Last week we touched briefly the relationship between biodiesel production and world demand for oilseeds. Today we take a closer look at what is driving the biodiesel market and what it might mean for Australian canola producers.

World biodiesel demand and production is supported by various mandatory government renewable fuel policies. The top four producers of biodiesel in the world are the EU, US, Brazil, and Indonesia (figure 1), but the feedstock mix varies considerably between producers.

The four primary fat source feedstocks utilized for US production in 2020 were soy oil (62%), corn oil (11%), canola oil (9%) and used cooking oil (UCO) (7%).  In the EU, canola (42%), UCO (20%) and palm (17%) oil dominate. Indonesia exclusively uses palm oil, while Brazil utilizes soy oil (84%) and animal fat (16%).

From an Australian perspective, the EU is the most relevant biofuel market to consider, as in 2020, it utilised 6.1mmt of canola oil as biodiesel feedstock – the equivalent of 16mmt of canola seed. However, the indirect impact world biodiesel demand has on the overall oilseed complex, and hence canola demand and prices is significant.

When we consider biodiesel production, we can effectively translate biodiesel production back to its vegetable oil equivalent, and by proxy, the corresponding equivalent demand in metric tons for oilseeds further up the supply chain. Around 2.6 tons of canola seed at 40% oil content, or 5.25 tonnes of soybeans at 20% oil content is required to produce one tonne of biodiesel at 95% process efficiency. Figure 2 represents world biodiesel demand in terms of the required equivalent tonnes of canola and soy seed needed to produce it. Using this rough comparison, (and ignoring oil-meal byproducts) we can say that in canola equivalent terms, biodiesel production is the equivalent of 20% of world oilseed production tonnage, or 40% of tonnage in soybean terms.
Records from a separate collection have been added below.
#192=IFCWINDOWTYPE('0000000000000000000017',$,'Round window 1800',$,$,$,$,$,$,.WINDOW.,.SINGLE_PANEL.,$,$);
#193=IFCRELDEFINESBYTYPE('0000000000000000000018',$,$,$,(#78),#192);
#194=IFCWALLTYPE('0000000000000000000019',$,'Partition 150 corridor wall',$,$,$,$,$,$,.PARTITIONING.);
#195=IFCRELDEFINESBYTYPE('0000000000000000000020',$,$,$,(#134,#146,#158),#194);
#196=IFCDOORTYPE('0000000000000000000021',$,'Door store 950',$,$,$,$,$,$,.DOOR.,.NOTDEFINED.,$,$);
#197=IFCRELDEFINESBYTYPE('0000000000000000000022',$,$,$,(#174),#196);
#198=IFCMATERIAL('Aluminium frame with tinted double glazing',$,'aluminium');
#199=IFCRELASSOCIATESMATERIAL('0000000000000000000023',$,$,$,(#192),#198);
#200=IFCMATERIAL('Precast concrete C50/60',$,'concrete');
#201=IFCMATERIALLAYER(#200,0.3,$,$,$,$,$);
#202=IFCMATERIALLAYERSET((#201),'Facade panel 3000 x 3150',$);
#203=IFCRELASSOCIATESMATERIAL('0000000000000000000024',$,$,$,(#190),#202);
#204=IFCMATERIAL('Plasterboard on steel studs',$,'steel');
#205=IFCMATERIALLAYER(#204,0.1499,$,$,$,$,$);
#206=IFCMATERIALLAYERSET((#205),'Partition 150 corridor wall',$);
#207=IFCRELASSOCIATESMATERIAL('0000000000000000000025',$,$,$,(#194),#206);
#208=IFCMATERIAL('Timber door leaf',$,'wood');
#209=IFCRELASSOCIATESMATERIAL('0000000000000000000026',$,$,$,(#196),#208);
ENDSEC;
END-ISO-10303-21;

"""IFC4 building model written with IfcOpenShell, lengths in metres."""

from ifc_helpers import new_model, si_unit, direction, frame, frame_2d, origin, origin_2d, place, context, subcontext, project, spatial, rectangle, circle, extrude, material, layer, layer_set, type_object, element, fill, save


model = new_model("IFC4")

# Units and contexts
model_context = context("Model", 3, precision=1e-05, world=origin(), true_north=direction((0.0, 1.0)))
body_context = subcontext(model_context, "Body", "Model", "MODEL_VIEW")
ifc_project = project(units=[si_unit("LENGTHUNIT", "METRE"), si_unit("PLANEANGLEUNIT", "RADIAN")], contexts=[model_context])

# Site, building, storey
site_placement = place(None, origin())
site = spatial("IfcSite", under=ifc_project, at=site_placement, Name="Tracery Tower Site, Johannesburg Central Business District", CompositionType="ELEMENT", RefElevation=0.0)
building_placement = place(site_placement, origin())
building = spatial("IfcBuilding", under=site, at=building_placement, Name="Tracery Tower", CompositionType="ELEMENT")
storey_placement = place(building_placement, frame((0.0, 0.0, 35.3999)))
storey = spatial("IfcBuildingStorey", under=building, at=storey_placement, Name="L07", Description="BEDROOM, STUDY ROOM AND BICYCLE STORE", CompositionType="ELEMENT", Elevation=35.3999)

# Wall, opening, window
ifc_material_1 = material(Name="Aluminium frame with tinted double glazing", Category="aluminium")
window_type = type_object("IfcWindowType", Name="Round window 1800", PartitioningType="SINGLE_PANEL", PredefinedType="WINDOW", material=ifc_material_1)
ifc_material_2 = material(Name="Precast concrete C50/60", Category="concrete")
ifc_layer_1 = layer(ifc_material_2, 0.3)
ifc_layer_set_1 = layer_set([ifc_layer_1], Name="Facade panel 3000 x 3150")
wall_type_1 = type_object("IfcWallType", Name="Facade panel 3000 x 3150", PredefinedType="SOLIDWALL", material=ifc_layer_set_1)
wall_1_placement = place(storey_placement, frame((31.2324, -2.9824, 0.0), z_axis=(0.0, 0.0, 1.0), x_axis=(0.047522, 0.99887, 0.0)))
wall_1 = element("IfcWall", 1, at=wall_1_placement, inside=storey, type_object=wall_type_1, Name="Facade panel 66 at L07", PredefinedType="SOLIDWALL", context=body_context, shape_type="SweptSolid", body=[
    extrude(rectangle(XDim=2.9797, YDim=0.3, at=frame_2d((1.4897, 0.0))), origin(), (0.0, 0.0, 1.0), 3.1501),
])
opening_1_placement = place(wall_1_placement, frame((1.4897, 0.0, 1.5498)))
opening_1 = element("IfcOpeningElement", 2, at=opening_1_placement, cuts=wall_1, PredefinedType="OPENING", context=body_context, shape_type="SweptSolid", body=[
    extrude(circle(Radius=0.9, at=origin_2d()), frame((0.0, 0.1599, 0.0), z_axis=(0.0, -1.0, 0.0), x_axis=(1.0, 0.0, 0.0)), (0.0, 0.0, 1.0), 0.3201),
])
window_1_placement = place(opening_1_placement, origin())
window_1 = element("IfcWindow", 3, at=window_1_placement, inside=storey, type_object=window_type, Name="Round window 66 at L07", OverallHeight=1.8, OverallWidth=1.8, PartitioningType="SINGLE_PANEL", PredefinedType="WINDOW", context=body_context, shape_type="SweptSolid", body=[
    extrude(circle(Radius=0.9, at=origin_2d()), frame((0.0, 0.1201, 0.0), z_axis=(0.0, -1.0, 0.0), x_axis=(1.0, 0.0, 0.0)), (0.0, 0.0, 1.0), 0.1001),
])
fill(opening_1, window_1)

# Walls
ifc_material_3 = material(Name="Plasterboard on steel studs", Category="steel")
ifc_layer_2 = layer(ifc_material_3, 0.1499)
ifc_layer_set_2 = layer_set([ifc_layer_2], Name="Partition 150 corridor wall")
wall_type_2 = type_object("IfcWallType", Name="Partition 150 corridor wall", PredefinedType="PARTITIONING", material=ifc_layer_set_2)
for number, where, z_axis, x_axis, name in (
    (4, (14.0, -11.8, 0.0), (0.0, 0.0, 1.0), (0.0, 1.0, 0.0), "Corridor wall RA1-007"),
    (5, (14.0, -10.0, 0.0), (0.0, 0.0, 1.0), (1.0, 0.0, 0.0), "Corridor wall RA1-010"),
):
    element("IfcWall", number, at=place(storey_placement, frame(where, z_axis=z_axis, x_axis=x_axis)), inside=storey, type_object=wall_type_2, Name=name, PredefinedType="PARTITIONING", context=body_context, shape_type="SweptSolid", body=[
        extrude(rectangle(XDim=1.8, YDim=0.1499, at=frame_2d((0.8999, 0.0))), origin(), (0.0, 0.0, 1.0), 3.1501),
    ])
Biodiesel demand is an important component of total world oilseed consumption. Growth of around 5% is expected from this market in the next decade, reaching 51 billion litres. Looking closer at the expected trajectory of the EU’s requirements are predicted to contract in line with a general trend towards a lower requirement for transport fuels, while the US situation is expected to be similar (figure 3). Counterbalancing these losses are increasing needs from the developing world such as Brazil and Indonesia as their overall transport energy requirements grow, and along with it, biodiesel demand by way of their renewable fuel blending mandates of 13% and 30% respectively.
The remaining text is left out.